Das Bundesverwaltungsgericht in Leipzig hat jetzt entschieden, dass bei der Berechnung, ob und wie viel Wohngeld einem Antragsteller zusteht, dessen Zinseinkünfte auch dann als Einkommen zu berücksichtigen sind, wenn sie aus angelegtem Schmerzensgeld erzielt wurden.

Im dem hier vom Bundesverwaltungsgericht entschiedenen Fall beantragte der Kläger, der eine monatliche Erwerbsunfähigkeitsrente von 698 € erhält, bei der Beklagten die Gewährung von Wohngeld. Diese lehnte den Antrag unter Hinweis darauf ab, dass der Kläger wegen eines ärztlichen Behandlungsfehlers ein Schmerzensgeld in Höhe von 107 500 € erhalten habe. Der hiergegen erhobenen Klage haben das Verwaltungsgericht Osnabrück und das Niedersächsische Oberverwaltungsgericht in Lüneburg teilweise stattgegeben.
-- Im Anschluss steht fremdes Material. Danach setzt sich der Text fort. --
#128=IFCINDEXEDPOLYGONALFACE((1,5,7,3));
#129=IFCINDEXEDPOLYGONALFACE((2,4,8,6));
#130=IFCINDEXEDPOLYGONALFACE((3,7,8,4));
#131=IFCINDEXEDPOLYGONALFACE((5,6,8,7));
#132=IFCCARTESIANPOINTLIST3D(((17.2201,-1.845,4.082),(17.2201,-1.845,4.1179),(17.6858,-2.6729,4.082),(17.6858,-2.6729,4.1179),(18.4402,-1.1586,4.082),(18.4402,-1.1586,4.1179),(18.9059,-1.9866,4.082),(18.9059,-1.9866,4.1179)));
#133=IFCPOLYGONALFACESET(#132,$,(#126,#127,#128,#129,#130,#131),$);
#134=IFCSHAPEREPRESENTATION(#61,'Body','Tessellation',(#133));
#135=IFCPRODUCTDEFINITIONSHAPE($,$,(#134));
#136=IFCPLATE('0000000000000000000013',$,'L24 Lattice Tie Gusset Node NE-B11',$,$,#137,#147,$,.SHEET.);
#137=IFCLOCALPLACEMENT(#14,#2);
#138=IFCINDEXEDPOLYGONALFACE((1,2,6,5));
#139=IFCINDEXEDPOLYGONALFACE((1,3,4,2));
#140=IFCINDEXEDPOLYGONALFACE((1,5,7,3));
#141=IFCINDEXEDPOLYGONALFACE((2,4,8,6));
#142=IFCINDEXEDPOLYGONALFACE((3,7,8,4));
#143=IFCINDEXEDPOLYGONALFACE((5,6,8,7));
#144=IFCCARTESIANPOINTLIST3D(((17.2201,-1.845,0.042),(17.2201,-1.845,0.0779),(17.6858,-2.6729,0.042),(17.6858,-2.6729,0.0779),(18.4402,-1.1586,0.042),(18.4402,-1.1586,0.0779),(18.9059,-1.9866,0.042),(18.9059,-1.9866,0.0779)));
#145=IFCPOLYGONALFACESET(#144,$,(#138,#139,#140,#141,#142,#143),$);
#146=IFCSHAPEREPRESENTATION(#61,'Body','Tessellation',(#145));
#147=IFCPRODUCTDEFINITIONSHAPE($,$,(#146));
Das Schmerzensgeld sei bei der Berechnung von Wohngeld weder als Einkommen noch als Vermögen des Klägers zu berücksichtigen. Anders verhalte es sich aber für die Zinserträge, die der Kläger aus der Anlage des Schmerzensgeldes auf einem Bankkonto erzielt und die er für das Jahr 2009 mit 2 400 € beziffert habe. Diese seien als sein Einkommen zu berücksichtigen ...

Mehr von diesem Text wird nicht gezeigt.